Objectness holds the probability of an object within the cell. Decode applies a Sigmoid on this parameter, thus confirming value in range 0 <=Objectness <=1

$objectness = sigmoid(objectness)$

Decode Class Probability

Class Probability is also activated by a Sigmoid. Alternatively, a Softmax could be activated, which would require a different Loss Function than we will use here.

$\textrm{class prob} = sigmoid(\textrm{class prob} )$

4. Loss Calculation

Loss Function determines the difference between the expected results and the predicted output. Final objective is to minimize this difference. Thw minimization is produced by an optimization algorithm, which is the next block, covered in the next section.

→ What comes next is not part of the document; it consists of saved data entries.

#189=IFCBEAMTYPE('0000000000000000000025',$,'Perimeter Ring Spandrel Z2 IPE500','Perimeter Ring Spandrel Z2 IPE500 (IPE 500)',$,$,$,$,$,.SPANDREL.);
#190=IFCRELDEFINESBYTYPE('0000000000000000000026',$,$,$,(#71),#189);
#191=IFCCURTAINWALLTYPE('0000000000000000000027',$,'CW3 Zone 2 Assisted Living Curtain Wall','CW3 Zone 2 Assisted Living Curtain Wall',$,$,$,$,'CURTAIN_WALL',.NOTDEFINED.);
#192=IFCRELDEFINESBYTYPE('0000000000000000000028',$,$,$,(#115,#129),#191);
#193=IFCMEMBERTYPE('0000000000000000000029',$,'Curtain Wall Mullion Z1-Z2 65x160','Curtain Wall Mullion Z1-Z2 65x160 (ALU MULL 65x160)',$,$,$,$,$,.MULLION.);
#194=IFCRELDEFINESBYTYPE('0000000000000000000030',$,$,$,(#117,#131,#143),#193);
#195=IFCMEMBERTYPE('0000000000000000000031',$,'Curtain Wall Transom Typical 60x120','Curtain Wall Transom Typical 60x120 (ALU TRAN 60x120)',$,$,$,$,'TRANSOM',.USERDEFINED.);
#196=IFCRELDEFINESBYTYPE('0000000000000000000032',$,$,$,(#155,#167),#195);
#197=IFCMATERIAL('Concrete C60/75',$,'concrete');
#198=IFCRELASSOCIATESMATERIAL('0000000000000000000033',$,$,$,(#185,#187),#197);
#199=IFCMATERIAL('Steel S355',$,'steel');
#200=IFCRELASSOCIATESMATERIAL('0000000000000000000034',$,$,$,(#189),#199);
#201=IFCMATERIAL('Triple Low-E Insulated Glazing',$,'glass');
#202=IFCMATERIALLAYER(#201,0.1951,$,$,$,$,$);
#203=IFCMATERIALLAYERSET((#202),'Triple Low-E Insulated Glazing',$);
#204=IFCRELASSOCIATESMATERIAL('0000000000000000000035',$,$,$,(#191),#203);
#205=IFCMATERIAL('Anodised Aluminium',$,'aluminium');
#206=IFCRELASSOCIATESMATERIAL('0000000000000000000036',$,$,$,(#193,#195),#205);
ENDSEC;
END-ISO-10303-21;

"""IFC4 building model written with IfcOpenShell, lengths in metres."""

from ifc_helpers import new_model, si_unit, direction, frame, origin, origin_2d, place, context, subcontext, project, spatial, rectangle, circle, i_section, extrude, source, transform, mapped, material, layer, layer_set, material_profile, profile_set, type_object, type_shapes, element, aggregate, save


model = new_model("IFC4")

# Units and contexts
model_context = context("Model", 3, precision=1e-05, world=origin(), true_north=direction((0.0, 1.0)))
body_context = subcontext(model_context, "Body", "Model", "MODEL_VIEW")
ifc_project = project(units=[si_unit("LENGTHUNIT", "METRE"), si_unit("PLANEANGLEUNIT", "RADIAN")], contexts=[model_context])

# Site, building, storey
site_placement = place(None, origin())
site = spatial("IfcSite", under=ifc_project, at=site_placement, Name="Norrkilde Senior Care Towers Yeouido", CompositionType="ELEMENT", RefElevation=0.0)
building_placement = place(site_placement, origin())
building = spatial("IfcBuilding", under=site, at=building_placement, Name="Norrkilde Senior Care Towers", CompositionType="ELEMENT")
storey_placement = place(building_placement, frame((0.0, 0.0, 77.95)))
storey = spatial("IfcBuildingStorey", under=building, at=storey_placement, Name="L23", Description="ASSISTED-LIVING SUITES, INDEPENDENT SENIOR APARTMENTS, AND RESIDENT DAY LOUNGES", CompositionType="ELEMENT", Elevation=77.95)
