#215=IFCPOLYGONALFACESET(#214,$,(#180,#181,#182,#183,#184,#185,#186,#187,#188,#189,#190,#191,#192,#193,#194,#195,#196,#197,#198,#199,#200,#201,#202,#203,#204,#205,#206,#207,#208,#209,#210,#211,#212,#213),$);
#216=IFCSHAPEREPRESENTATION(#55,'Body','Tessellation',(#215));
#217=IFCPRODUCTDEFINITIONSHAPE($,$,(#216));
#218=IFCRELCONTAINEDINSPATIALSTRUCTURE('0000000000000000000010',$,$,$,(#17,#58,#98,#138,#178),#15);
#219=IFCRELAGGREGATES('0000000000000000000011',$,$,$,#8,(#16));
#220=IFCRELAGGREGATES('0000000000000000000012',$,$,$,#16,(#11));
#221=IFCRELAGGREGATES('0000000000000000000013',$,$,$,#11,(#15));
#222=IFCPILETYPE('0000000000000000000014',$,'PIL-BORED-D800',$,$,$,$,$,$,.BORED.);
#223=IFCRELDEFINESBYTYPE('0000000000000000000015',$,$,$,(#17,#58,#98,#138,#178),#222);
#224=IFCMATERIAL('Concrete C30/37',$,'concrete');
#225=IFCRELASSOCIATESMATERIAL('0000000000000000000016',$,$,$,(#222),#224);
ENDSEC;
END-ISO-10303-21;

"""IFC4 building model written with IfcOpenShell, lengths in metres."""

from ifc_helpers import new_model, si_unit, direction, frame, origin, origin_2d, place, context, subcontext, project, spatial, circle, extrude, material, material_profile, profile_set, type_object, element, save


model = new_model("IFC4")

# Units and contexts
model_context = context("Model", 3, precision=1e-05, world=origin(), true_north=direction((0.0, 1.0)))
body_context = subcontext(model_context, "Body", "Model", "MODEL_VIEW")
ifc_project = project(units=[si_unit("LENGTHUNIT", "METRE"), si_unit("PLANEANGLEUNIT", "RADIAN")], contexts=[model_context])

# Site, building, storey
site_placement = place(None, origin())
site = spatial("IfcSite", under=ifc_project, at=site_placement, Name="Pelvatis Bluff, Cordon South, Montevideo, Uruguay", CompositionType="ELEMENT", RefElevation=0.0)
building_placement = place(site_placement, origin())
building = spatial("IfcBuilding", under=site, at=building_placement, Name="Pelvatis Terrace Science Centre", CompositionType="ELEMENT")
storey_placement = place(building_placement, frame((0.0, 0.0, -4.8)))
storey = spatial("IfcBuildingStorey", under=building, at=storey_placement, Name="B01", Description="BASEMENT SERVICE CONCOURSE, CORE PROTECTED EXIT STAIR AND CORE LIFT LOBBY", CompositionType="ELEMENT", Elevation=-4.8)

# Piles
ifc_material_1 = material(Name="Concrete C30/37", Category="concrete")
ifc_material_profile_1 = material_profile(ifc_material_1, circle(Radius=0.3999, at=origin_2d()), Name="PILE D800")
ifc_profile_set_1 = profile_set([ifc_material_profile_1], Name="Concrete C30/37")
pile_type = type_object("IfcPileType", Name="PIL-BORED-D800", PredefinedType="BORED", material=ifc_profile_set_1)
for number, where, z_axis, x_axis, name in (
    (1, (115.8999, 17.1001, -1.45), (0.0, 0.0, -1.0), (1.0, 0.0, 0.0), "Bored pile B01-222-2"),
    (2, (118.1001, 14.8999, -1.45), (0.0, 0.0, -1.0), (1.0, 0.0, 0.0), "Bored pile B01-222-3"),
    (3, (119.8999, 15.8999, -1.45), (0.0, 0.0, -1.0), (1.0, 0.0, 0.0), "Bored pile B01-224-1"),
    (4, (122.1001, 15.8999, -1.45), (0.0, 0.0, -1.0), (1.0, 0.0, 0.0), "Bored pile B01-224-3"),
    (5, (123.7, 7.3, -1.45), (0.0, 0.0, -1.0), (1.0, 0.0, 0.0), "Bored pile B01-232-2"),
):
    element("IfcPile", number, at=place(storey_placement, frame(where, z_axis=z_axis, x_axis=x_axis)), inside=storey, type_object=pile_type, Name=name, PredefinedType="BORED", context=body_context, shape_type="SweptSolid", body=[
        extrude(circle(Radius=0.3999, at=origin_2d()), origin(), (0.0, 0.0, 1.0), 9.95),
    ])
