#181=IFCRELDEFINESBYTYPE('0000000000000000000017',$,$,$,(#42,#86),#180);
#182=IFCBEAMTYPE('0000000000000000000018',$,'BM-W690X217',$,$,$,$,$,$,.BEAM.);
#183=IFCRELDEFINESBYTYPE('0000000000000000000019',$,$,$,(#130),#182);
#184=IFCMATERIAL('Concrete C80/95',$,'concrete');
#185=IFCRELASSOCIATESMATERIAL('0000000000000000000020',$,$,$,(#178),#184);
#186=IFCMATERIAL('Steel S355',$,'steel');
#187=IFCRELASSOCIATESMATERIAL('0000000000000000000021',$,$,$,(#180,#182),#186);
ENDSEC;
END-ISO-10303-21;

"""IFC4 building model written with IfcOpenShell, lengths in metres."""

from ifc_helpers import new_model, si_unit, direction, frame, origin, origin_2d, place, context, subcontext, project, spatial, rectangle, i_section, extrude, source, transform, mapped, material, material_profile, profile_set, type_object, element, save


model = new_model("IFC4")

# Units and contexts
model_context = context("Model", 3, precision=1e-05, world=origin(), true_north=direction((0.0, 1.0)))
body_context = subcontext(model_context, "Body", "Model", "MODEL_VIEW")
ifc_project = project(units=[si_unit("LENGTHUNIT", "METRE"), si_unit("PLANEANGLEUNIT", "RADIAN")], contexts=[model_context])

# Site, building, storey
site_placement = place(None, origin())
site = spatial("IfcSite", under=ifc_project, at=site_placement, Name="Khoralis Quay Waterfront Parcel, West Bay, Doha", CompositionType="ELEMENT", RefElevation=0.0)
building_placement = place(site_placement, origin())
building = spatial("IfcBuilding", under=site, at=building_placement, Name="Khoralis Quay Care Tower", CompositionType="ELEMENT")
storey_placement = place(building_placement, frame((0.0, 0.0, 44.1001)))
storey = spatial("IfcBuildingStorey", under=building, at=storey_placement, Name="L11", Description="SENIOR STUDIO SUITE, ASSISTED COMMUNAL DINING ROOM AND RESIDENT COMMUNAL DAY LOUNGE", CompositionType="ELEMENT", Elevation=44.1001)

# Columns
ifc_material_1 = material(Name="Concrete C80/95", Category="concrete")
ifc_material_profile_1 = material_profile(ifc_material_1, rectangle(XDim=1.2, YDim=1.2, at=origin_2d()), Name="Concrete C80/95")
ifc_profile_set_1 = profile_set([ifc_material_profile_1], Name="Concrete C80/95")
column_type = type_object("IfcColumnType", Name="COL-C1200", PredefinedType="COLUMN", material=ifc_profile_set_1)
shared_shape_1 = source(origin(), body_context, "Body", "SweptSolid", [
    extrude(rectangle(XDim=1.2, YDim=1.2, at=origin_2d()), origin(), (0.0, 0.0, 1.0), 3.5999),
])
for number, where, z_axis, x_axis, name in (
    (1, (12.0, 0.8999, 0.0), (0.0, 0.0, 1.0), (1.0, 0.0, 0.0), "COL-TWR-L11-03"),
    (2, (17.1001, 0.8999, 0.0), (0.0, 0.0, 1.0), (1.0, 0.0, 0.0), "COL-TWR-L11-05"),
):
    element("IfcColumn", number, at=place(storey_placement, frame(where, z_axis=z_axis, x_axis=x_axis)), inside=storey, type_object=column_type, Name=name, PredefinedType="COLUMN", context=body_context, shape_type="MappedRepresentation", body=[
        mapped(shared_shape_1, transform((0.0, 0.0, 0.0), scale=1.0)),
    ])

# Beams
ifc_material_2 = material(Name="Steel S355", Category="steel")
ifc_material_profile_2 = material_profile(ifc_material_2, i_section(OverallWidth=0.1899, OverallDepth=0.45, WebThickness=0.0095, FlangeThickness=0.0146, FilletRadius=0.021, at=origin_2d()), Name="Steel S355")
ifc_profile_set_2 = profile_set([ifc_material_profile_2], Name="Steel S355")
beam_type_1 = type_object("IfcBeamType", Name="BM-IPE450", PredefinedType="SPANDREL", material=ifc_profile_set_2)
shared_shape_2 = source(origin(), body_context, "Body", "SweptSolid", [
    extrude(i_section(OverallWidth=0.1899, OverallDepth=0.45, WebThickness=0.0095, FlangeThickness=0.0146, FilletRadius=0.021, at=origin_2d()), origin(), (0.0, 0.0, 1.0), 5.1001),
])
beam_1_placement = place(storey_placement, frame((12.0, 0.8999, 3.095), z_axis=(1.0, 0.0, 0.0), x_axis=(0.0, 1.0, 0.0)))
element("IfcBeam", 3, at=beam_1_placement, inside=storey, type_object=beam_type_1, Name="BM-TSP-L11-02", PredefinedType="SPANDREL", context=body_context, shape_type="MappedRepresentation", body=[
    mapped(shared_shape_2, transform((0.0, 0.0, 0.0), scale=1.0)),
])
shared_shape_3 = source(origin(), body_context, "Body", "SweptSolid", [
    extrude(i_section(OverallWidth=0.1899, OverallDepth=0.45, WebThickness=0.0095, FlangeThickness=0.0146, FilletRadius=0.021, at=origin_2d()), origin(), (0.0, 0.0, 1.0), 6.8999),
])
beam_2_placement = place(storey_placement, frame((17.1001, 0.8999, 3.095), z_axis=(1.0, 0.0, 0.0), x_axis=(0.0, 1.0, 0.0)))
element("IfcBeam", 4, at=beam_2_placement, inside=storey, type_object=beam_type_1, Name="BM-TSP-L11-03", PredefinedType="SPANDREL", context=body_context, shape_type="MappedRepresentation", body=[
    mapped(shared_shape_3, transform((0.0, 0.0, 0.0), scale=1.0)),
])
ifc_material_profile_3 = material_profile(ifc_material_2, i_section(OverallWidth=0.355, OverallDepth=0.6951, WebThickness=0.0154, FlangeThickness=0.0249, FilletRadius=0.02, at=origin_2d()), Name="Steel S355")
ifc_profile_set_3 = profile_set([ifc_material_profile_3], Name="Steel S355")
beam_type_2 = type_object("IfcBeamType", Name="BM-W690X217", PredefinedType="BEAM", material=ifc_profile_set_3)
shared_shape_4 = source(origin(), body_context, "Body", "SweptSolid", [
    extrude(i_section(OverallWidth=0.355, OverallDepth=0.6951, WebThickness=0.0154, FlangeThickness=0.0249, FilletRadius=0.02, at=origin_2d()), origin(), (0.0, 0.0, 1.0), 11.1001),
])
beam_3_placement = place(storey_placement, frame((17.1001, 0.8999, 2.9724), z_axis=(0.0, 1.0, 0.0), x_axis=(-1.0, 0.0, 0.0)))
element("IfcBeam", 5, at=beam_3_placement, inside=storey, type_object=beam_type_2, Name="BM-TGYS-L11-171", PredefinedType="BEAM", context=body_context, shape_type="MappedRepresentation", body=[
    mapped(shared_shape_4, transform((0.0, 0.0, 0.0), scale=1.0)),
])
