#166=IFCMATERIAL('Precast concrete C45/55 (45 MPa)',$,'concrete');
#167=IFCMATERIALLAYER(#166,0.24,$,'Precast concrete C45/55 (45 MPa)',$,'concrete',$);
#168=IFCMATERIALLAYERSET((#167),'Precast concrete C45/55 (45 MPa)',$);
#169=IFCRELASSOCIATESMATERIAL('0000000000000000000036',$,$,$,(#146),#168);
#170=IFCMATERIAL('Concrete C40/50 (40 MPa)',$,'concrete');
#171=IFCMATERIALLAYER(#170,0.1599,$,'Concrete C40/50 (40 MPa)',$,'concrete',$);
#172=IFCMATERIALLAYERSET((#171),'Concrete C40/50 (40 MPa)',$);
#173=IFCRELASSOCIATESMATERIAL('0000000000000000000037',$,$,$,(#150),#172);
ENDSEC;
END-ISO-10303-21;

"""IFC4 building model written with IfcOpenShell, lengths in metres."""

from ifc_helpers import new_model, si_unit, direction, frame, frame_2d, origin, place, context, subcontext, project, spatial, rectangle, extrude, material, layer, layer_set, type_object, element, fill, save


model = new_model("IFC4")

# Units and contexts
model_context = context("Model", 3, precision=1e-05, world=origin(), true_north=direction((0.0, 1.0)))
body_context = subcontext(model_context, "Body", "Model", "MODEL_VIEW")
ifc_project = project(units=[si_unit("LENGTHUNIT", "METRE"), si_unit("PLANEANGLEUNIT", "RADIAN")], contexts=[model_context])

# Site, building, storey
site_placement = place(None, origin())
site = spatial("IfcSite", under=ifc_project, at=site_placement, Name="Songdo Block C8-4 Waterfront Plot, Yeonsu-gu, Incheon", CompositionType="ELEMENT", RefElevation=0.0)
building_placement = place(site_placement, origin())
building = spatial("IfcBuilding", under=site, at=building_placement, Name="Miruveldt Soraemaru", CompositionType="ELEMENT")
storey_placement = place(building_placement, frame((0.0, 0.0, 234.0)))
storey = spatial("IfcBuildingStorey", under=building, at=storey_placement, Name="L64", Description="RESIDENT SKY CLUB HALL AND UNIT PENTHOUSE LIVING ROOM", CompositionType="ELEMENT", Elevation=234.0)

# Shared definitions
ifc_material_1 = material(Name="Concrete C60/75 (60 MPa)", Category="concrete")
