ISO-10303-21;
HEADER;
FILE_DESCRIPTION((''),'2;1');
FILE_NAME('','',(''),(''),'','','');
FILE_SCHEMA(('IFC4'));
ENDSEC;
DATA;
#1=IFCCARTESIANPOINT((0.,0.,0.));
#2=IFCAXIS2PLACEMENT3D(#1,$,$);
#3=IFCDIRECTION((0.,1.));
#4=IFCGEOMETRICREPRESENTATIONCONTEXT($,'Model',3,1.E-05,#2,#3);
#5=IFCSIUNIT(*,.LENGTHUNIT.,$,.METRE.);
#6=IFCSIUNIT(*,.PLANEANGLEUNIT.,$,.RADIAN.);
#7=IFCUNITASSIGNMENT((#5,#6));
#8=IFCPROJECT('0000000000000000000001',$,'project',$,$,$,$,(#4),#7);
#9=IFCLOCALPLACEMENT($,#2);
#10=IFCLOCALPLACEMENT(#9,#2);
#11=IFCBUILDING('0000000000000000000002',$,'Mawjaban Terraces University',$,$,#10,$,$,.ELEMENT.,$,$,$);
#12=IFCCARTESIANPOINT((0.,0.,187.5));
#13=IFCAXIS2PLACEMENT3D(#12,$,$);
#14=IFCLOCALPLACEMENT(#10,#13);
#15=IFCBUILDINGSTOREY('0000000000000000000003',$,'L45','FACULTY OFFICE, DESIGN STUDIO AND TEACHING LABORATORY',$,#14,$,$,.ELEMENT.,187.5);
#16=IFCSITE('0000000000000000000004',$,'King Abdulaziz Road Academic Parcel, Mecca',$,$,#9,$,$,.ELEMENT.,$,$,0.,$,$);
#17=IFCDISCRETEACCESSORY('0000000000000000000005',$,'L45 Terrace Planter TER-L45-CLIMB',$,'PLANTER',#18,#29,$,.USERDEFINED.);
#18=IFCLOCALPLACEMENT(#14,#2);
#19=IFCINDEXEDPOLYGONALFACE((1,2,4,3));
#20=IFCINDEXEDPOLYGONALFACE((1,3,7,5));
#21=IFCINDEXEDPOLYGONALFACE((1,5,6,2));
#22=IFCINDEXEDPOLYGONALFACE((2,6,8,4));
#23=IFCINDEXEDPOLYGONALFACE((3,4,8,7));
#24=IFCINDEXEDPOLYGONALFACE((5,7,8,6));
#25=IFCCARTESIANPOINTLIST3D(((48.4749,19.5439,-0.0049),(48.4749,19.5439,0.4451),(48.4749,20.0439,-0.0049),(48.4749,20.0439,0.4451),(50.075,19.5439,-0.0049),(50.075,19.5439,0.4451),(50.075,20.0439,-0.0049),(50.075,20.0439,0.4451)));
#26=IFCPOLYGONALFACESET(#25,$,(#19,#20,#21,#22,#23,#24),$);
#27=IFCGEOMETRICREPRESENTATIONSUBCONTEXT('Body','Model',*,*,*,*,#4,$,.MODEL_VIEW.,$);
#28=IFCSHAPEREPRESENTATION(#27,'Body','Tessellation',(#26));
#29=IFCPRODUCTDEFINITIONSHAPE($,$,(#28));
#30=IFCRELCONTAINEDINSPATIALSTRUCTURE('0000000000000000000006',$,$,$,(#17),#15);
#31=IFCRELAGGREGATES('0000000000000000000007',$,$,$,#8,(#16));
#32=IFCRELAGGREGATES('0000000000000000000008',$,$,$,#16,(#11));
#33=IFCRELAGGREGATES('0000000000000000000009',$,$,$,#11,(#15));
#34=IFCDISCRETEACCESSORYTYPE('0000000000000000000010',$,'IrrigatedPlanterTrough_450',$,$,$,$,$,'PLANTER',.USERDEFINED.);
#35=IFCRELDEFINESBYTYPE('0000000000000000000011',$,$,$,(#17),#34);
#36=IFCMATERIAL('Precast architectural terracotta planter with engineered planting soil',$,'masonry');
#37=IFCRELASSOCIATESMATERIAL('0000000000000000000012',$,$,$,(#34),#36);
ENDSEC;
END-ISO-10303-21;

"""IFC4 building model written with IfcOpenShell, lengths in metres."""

from ifc_helpers import new_model, si_unit, direction, frame, origin, origin_2d, place, context, subcontext, project, spatial, rectangle, extrude, material, type_object, element, save


model = new_model("IFC4")

# Units and contexts
model_context = context("Model", 3, precision=1e-05, world=origin(), true_north=direction((0.0, 1.0)))
body_context = subcontext(model_context, "Body", "Model", "MODEL_VIEW")
ifc_project = project(units=[si_unit("LENGTHUNIT", "METRE"), si_unit("PLANEANGLEUNIT", "RADIAN")], contexts=[model_context])

# Site, building, storey
site_placement = place(None, origin())
site = spatial("IfcSite", under=ifc_project, at=site_placement, Name="King Abdulaziz Road Academic Parcel, Mecca", CompositionType="ELEMENT", RefElevation=0.0)
building_placement = place(site_placement, origin())
building = spatial("IfcBuilding", under=site, at=building_placement, Name="Mawjaban Terraces University", CompositionType="ELEMENT")
storey_placement = place(building_placement, frame((0.0, 0.0, 187.5)))
storey = spatial("IfcBuildingStorey", under=building, at=storey_placement, Name="L45", Description="FACULTY OFFICE, DESIGN STUDIO AND TEACHING LABORATORY", CompositionType="ELEMENT", Elevation=187.5)

# Discrete accessory
ifc_material_1 = material(Name="Precast architectural terracotta planter with engineered planting soil", Category="masonry")
discrete_accessory_type = type_object("IfcDiscreteAccessoryType", Name="IrrigatedPlanterTrough_450", ElementType="PLANTER", PredefinedType="USERDEFINED", material=ifc_material_1)
discrete_accessory_placement = place(storey_placement, frame((49.2749, 19.7939, -0.0049), z_axis=(0.0, 0.0, 1.0), x_axis=(1.0, 0.0, 0.0)))
element("IfcDiscreteAccessory", 1, at=discrete_accessory_placement, inside=storey, type_object=discrete_accessory_type, Name="L45 Terrace Planter TER-L45-CLIMB", ObjectType="PLANTER", PredefinedType="USERDEFINED", context=body_context, shape_type="SweptSolid", body=[
    extrude(rectangle(XDim=1.6001, YDim=0.5, at=origin_2d()), origin(), (0.0, 0.0, 1.0), 0.45),
])

save(model, "model.ifc")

The overall loss is a sum of all prediction losses, i.e.:

Bounding Box Prediction Loss
Objectness Prediction Loss
Class Prediction Loss

Subsection which follow detail each of the 3.

Bounding Box Prediction Loss

Bounding Box Prediction Loss is dependent on 4 prediction parameters loss, i.e. x,y,w,h. There are various candidates for Loss Functions. Here we will use IOU.

Alternatively, the loss could be taken directly as a sum of x,y,w,h prediction errors like so:

$x_{loss} = \sum_{i=0}^{N_{bbox}}(x^i_{true} - x^i_{predicted})^2$

$y_{loss} = \sum_{i=0}^{N_{bbox}}(y^i_{true} - y^i_{predicted})^2$

$w_{loss} = \sum_{i=0}^{N_{bbox}}(w^i_{true} - w^i_{predicted})^2$

$h_{loss} = \sum_{i=0}^{N_{bbox}}(h^i_{true} - h^i_{predicted})^2$

Where number of bounding boxes is:

$N_{bbox} = BatchSize * GridSize * BoxesInGridCell$

(e.g. For the Coarse Scale Grid, where BatchSize=10, GridSize=13x13, BoxesInGridCell=3, $N_{bbox}=101693=5070$)

But as noted, here we use IOU for Bounding Box Loss calculation.

IOU In Brief: IOU (Intersection over Union) is a term used to describe the extent of overlap of two boxes. The greater the region of overlap, the greater the IOU

IOU is a metric used in object detection benchmarks to evaluate how close the predicted and ground truth bounding boxes are. IOU, as its name indicates, is expressed as the ratio between the intersection area and the union area of the 2 boxes. IOU expression is listed below, followed by an illustrative diagram.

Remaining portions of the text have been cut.